# Seeking Appliance Repair Manual



## Movingshrub (Jun 12, 2017)

I am trying to locate a service manual for a Frigidaire Induction Cooktop. Anyone got any suggestions on where I might either download or purchase such a manual? I'm willing to pay but can't find anywhere to even purchase the manual. It's a FGIC3666 if that impacts the answer. Thanks.


----------



## ionicatoms (Mar 8, 2020)

Other than the need for repair, do you like the induction feature? Pros/Cons?


----------



## mowww (Jan 16, 2018)

@Movingshrub i have some manuals stored in the Centriq app. Just for giggles I attempted to look up the manual there. Nothing came up immediately but they are working on sourcing one. If I can get it I'll send it to you.


----------



## Movingshrub (Jun 12, 2017)

ionicatoms said:


> Other than the need for repair, do you like the induction feature? Pros/Cons?


This is our second one. We got a free-bee from a friend who worked at a supply house. It was going to be thrown away due to the age so I snagged it. Our neighborhood has gas service but our house does not. I replaced the traditional electric resistance style cooktop with induction and haven't looked back. It's way faster. It scales up/down quickly. We already had cookware that contained iron so we were good to go. It doesn't burn food onto the glass the same way as the traditional electric and is extremely easy to clean. I haven't ever owned a house with a gas range so I don't have that experience as a reference point to comparison. I would assume it's more expensive than electric and not as easy to fix as gas.


----------



## Movingshrub (Jun 12, 2017)

mowww said:


> @Movingshrub i have some manuals stored in the Centriq app. Just for giggles I attempted to look up the manual there. Nothing came up immediately but they are working on sourcing one. If I can get it I'll send it to you.


Thanks.

I broke the glass. The unit would show as locked whenever I tried to turn it on. I then took the glass off, vacuumed out all the debris, and turned it back on. It shows as locked, then gives me a code of E9. The wiring diagram notes that E9 is "User interface touch system defect. Disconnect the appliance from the mains for 30 sec. If the alarm still occurs after 1 min of operation, replace the user interface. If the error still occurs, replace the UI carrier."

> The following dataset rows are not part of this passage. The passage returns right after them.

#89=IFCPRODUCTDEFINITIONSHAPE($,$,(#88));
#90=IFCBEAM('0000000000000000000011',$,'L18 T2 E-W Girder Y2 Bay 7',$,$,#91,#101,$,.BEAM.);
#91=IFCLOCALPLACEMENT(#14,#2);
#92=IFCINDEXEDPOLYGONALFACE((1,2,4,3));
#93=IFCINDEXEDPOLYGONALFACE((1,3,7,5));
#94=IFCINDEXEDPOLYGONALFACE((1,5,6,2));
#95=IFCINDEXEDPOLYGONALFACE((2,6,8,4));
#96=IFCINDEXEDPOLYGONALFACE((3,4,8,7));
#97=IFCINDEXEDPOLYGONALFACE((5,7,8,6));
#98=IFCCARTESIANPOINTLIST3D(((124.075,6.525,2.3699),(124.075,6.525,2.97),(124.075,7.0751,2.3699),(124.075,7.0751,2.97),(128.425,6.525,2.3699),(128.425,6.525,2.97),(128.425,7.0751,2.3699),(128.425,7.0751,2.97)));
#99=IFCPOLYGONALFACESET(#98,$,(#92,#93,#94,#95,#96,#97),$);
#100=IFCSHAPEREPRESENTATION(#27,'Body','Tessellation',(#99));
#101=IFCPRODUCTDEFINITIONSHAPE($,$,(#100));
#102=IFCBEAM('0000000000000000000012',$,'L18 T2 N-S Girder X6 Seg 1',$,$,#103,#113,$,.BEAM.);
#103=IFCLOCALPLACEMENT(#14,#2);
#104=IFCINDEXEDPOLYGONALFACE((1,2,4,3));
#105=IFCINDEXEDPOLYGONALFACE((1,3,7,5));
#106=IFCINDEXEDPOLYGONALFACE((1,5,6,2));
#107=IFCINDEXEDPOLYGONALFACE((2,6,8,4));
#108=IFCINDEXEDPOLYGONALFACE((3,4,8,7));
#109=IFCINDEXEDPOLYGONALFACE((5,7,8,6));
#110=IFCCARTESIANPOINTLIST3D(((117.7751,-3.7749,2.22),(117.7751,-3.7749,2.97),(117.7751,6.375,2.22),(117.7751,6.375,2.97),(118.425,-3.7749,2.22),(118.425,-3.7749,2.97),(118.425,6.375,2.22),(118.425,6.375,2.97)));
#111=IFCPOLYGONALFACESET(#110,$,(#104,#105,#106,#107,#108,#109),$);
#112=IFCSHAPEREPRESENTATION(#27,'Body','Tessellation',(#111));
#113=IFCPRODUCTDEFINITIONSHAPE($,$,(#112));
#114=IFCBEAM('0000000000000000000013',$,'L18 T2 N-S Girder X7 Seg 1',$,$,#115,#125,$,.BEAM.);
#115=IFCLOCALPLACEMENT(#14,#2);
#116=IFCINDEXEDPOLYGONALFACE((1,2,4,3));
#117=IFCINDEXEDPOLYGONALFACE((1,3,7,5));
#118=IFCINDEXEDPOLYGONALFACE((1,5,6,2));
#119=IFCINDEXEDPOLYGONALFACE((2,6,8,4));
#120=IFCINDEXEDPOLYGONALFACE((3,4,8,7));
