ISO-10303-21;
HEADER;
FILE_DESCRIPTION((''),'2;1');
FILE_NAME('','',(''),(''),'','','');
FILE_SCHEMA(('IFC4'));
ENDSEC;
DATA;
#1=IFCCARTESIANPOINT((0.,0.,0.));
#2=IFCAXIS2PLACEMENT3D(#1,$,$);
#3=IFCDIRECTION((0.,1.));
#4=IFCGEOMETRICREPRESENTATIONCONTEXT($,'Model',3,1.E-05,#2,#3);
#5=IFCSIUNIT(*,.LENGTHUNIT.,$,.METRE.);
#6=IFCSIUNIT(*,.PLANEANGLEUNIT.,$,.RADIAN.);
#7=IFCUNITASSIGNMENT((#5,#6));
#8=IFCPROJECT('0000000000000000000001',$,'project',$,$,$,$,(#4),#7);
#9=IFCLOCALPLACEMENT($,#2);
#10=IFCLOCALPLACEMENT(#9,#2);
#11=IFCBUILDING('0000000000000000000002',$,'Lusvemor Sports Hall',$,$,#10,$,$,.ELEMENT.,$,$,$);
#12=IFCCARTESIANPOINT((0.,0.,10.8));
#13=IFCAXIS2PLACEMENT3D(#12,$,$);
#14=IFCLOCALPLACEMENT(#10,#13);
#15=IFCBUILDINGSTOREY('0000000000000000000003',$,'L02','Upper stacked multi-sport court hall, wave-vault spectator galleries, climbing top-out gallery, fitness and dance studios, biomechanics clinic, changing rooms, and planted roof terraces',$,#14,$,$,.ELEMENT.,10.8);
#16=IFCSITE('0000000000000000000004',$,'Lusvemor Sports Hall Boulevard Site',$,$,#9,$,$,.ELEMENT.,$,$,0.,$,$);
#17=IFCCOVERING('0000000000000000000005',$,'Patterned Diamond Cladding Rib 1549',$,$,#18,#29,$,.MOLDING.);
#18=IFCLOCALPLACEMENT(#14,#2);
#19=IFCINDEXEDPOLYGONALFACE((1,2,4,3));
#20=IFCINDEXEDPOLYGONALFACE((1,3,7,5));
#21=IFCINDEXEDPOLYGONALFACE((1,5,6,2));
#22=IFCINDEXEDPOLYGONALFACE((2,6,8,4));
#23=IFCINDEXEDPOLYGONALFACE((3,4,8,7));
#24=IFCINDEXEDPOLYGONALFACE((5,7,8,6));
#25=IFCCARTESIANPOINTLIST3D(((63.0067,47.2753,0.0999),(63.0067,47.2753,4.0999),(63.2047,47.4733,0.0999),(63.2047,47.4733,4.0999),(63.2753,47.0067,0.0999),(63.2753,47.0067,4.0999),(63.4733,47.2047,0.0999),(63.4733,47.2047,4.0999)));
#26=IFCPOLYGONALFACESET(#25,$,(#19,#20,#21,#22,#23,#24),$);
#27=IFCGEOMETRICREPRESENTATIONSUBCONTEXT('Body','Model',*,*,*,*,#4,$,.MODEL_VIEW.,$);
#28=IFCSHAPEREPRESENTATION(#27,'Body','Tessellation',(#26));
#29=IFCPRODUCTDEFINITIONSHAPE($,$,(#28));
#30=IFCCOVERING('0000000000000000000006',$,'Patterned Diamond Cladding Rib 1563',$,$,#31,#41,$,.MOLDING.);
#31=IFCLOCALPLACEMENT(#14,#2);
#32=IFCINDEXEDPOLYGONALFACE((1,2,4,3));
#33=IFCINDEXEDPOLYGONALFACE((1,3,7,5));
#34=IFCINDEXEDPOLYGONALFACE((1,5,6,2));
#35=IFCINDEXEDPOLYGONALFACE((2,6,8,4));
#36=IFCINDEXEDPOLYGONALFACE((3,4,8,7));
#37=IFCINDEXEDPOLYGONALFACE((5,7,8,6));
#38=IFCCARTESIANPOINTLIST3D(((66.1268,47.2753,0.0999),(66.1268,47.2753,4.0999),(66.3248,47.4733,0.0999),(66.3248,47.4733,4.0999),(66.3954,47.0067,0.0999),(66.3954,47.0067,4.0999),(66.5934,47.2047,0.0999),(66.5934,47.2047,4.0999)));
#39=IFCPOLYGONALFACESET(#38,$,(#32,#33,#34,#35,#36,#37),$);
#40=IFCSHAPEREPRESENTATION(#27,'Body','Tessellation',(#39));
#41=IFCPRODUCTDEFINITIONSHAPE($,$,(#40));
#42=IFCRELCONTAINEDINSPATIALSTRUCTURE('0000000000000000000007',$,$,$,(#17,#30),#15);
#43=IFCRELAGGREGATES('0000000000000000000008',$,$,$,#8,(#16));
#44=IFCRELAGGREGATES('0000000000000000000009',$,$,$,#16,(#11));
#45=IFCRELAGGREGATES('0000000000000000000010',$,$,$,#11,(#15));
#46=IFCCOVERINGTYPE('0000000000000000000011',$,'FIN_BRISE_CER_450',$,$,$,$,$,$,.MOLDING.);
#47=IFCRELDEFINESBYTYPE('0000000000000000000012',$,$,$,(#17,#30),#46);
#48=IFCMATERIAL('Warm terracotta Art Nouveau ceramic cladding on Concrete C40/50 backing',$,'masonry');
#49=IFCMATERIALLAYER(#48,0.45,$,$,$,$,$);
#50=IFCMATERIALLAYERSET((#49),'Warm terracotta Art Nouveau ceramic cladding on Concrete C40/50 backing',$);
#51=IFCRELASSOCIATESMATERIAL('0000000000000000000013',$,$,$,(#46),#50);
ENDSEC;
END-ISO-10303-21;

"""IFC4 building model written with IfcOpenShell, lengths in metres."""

from ifc_helpers import new_model, si_unit, direction, frame, origin, origin_2d, place, context, subcontext, project, spatial, rectangle, extrude, material, layer, layer_set, type_object, element, save


model = new_model("IFC4")

# Units and contexts
model_context = context("Model", 3, precision=1e-05, world=origin(), true_north=direction((0.0, 1.0)))
body_context = subcontext(model_context, "Body", "Model", "MODEL_VIEW")
ifc_project = project(units=[si_unit("LENGTHUNIT", "METRE"), si_unit("PLANEANGLEUNIT", "RADIAN")], contexts=[model_context])

# Site, building, storey
site_placement = place(None, origin())
site = spatial("IfcSite", under=ifc_project, at=site_placement, Name="Lusvemor Sports Hall Boulevard Site", CompositionType="ELEMENT", RefElevation=0.0)
building_placement = place(site_placement, origin())
building = spatial("IfcBuilding", under=site, at=building_placement, Name="Lusvemor Sports Hall", CompositionType="ELEMENT")
storey_placement = place(building_placement, frame((0.0, 0.0, 10.8)))
storey = spatial("IfcBuildingStorey", under=building, at=storey_placement, Name="L02", Description="Upper stacked multi-sport court hall, wave-vault spectator galleries, climbing top-out gallery, fitness and dance studios, biomechanics clinic, changing rooms, and planted roof terraces", CompositionType="ELEMENT", Elevation=10.8)

# Coverings
ifc_material_1 = material(Name="Warm terracotta Art Nouveau ceramic cladding on Concrete C40/50 backing", Category="masonry")
ifc_layer_1 = layer(ifc_material_1, 0.45)
ifc_layer_set_1 = layer_set([ifc_layer_1], Name="Warm terracotta Art Nouveau ceramic cladding on Concrete C40/50 backing")
covering_type_1 = type_object("IfcCoveringType", Name="FIN_BRISE_CER_450", PredefinedType="MOLDING", material=ifc_layer_set_1)
for number, where, z_axis, x_axis, name in (
    (1, (63.24, 47.24, 0.0999), (0.0, 0.0, 1.0), (0.707107, 0.707107, 0.0), "Patterned Diamond Cladding Rib 1549"),
    (2, (66.3601, 47.24, 0.0999), (0.0, 0.0, 1.0), (0.707107, 0.707107, 0.0), "Patterned Diamond Cladding Rib 1563"),
):
    element("IfcCovering", number, at=place(storey_placement, frame(where, z_axis=z_axis, x_axis=x_axis)), inside=storey, type_object=covering_type_1, Name=name, PredefinedType="MOLDING", context=body_context, shape_type="SweptSolid", body=[
        extrude(rectangle(XDim=0.28, YDim=0.3799, at=origin_2d()), origin(), (0.0, 0.0, 1.0), 4.0),
    ])

save(model, "model.ifc")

I cut a piece of glass and put it over the user interface, and it turned it back on. It still starts as Locked, but will allow me to disable the lock and run all of the elements. I'm trying to confirm if that locked issue will go away if I install a new piece of main glass.


----------



## White94RX (Jan 23, 2021)

ionicatoms said:


> Other than the need for repair, do you like the induction feature? Pros/Cons?


I saw your question and decided to give my two cents since I have had just about every kind of stove, and have induction currently. Gas service is not available in my neighborhood. Everything is electric, which kinda sucks when it comes to the furnace and water heater (can't go tankless, and heat pumps just don't heat the air as much as a gas furnace, and I think it used more electricity, than a comparable furnace would use gas).

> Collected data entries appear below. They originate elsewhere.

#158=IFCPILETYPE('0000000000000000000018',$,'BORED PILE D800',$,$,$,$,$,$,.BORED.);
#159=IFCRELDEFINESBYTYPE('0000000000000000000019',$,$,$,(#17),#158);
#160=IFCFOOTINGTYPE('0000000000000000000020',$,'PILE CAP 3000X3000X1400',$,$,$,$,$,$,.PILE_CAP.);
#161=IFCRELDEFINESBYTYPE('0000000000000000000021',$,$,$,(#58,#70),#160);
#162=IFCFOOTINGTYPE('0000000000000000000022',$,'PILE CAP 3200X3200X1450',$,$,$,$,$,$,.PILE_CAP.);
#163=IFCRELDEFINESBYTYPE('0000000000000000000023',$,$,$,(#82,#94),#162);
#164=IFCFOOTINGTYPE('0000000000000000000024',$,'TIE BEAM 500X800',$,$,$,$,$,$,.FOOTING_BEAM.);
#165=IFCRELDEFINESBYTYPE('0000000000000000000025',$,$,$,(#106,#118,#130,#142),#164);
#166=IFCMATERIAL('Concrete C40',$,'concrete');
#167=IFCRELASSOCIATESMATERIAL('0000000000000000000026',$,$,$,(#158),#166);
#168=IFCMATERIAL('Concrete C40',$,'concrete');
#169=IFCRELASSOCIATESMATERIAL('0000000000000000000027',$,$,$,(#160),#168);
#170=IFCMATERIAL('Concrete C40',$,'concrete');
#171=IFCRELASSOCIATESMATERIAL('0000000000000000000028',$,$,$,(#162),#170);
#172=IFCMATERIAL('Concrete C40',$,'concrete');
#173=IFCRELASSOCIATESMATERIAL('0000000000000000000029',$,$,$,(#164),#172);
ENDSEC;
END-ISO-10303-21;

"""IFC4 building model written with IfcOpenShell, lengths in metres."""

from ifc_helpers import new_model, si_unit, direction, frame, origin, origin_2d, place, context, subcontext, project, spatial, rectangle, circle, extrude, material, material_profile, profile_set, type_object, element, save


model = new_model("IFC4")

#1 choice would be gas just because of the simplicity. Turn it on, then turn flame up or down. Instant heat, instant response, and you don't need special cookware. A pain to clean though because of the iron grates. My wife used to throw them in the dishwasher every now and then. You still have to move them and clean under them regularly

#2 is a super close second, and I tell you what, it may bring a pot of water to a boil faster than gas. I make my coffee with a french press, and I can bring 2+ cups of water to a rolling boil in 3 minutes in a small pot. Induction is pretty freaking sweet. Super easy to clean the cook top. Come to think of it, I may even like it better than my old gas stove! I can't think of too many cons really. Maybe being touch controlled instead of knobs like a gas stove is a con. A blind person couldn't use one! Temperature control is great. If you move the pot off the eye, it will beep at you, then turn itself off. It cools off super fast when you're done cooking.

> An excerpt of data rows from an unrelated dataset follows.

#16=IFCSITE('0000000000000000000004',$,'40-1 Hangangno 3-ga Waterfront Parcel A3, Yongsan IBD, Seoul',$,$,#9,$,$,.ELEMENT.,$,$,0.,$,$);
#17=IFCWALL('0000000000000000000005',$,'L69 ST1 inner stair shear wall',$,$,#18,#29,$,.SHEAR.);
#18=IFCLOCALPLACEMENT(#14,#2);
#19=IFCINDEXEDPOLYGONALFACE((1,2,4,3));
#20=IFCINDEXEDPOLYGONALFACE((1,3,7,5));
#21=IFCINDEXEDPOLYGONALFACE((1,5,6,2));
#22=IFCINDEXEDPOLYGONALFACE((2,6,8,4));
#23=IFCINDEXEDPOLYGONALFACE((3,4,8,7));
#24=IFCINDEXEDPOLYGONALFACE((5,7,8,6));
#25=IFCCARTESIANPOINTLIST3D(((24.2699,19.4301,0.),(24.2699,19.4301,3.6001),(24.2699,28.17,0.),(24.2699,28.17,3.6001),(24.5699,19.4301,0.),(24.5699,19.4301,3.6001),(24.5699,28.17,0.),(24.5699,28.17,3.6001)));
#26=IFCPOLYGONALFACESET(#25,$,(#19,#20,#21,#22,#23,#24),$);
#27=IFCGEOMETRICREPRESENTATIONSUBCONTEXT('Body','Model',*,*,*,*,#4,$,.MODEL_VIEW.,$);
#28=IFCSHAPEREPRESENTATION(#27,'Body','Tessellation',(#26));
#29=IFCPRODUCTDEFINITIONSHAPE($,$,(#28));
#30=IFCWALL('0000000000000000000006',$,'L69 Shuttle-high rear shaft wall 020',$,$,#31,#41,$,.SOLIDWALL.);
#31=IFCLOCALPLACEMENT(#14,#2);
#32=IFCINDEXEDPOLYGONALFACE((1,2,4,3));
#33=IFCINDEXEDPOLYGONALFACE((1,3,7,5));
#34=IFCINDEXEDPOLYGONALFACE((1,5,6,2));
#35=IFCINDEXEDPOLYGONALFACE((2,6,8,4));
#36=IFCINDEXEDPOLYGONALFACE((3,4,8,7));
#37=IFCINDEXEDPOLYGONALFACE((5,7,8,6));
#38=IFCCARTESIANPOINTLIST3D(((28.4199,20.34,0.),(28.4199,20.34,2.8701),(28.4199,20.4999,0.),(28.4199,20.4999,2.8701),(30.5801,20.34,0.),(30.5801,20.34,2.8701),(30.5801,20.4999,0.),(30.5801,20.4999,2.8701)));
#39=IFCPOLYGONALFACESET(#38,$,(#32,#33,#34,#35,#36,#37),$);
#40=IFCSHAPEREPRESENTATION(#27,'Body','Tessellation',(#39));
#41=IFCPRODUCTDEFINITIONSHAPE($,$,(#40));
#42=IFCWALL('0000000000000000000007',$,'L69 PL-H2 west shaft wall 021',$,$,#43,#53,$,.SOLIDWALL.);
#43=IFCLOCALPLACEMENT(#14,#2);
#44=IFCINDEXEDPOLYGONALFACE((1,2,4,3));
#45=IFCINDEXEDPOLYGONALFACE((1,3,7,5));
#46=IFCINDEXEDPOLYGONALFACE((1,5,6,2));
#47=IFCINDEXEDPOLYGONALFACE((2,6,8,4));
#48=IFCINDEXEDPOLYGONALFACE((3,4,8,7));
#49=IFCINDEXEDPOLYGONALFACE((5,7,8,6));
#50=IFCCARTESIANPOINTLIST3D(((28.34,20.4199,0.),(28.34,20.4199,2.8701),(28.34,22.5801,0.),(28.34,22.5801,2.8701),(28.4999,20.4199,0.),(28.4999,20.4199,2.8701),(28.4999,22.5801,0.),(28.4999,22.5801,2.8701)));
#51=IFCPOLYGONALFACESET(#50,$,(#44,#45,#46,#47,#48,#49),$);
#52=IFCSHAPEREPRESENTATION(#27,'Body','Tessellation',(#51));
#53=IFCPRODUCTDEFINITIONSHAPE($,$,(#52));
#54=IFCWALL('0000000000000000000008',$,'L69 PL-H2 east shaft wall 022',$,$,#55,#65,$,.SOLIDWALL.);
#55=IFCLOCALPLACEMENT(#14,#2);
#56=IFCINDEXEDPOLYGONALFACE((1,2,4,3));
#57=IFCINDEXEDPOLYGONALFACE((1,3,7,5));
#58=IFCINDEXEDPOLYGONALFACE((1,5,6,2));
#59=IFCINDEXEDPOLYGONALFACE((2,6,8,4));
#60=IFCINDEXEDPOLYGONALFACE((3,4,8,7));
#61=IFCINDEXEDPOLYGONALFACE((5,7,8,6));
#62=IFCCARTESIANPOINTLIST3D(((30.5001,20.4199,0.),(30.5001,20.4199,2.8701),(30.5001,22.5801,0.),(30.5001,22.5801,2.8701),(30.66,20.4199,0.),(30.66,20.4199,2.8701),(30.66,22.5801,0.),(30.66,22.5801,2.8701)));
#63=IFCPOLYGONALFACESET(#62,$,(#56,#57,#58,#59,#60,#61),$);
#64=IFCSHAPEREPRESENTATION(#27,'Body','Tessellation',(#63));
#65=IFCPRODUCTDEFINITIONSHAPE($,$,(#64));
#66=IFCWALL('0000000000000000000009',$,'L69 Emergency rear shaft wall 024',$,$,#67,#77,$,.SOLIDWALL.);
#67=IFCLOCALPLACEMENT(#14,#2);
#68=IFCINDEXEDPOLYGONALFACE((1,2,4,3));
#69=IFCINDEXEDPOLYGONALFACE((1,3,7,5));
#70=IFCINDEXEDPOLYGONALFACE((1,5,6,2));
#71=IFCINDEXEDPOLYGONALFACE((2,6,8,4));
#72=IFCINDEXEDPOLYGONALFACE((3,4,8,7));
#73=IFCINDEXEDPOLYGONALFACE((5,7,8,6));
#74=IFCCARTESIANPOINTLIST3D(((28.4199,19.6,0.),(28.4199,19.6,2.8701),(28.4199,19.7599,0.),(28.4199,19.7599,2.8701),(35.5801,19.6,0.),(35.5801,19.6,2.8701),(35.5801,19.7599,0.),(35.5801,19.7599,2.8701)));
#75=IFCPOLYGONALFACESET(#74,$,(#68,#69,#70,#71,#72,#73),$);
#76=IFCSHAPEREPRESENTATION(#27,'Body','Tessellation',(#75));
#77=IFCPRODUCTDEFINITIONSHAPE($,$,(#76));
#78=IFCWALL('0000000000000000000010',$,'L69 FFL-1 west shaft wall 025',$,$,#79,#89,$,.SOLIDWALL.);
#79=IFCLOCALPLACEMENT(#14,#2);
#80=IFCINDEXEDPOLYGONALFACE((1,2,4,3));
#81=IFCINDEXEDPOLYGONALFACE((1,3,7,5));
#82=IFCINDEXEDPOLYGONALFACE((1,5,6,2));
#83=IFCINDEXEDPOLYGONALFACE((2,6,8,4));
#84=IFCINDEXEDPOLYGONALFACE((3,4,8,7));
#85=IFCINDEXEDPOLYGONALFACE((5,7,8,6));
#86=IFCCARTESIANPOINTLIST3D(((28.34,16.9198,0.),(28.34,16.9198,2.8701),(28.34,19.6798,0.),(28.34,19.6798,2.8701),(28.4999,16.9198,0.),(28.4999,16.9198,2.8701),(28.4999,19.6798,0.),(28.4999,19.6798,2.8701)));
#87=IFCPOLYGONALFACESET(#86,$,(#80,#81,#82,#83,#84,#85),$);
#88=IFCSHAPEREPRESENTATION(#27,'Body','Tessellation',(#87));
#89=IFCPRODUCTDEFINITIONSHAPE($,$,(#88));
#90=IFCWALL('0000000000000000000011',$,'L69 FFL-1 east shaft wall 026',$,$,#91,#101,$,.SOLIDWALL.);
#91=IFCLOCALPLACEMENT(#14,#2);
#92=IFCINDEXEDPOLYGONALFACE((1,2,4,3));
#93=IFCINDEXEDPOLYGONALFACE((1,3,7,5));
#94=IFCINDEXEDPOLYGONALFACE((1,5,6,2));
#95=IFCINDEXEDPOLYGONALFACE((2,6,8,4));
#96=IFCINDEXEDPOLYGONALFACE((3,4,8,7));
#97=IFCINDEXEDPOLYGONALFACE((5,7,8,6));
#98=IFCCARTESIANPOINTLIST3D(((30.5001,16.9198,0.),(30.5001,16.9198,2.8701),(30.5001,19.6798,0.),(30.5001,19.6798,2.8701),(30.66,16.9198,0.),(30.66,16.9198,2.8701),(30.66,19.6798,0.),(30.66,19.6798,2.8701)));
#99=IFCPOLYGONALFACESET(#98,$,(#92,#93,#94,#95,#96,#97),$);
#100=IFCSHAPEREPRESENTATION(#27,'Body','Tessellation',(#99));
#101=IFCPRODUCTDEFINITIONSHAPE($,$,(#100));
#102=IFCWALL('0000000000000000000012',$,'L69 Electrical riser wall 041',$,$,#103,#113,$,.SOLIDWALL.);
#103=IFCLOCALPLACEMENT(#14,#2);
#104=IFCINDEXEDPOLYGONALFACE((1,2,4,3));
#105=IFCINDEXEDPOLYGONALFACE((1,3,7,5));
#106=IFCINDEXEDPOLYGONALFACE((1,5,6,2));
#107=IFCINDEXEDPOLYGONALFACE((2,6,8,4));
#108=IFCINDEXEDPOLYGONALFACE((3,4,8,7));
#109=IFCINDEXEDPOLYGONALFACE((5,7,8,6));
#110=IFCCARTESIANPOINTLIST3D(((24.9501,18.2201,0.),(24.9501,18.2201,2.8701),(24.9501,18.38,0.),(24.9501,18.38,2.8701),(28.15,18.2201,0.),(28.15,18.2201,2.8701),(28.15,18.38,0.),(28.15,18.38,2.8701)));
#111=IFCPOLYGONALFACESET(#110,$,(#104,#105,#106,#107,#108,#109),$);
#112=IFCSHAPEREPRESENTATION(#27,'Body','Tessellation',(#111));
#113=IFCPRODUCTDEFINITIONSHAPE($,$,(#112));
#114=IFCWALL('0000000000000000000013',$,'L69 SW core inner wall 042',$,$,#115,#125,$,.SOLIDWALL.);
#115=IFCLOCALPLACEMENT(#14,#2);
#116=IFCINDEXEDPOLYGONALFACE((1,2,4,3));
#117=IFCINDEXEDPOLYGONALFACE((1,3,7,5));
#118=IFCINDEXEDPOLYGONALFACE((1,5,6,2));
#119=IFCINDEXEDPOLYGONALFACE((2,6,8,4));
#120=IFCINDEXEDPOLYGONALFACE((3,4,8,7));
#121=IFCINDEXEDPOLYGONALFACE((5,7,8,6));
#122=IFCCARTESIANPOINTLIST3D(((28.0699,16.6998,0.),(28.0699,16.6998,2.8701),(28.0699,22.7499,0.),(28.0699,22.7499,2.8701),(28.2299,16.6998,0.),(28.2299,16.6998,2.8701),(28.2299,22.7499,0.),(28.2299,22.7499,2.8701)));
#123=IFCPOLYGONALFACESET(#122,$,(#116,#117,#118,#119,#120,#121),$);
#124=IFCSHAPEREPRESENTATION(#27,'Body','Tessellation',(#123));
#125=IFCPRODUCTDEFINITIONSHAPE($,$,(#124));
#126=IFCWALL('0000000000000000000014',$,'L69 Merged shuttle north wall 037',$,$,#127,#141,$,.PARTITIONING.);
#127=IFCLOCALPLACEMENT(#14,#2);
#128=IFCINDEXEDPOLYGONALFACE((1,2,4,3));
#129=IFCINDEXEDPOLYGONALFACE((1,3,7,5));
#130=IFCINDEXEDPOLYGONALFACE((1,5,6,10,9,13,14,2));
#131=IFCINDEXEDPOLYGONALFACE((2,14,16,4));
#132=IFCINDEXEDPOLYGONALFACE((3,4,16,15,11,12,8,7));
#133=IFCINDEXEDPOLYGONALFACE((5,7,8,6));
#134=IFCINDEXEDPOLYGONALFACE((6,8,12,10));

#3 would be a standard smooth glass cooktop

#4 would be your grandma's old heating coil stove.

I'm super bored at work, so I didn't mind typing this out. Gave me something to do for about ten minutes. And after typing it all out, I think I've convinced myself I like induction better! I guess it comes down to the fact that I wouldn't swap my induction cooktop for a gas one, and if I had gas, I probably wouldn't swap it for induction unless it absolutely needed to be replaced for whatever reason.

Sorry to the original poster, I'm not able to help with your issue.


----------



## ionicatoms (Mar 8, 2020)

Thanks for the write-up. My wife is eyeing a double-oven (we don't use our current under-oven drawer) and I've been wondering if I should be looking for an induction stovetop to pair with whatever she picks. Sounds like it should really be a strong consideration.


----------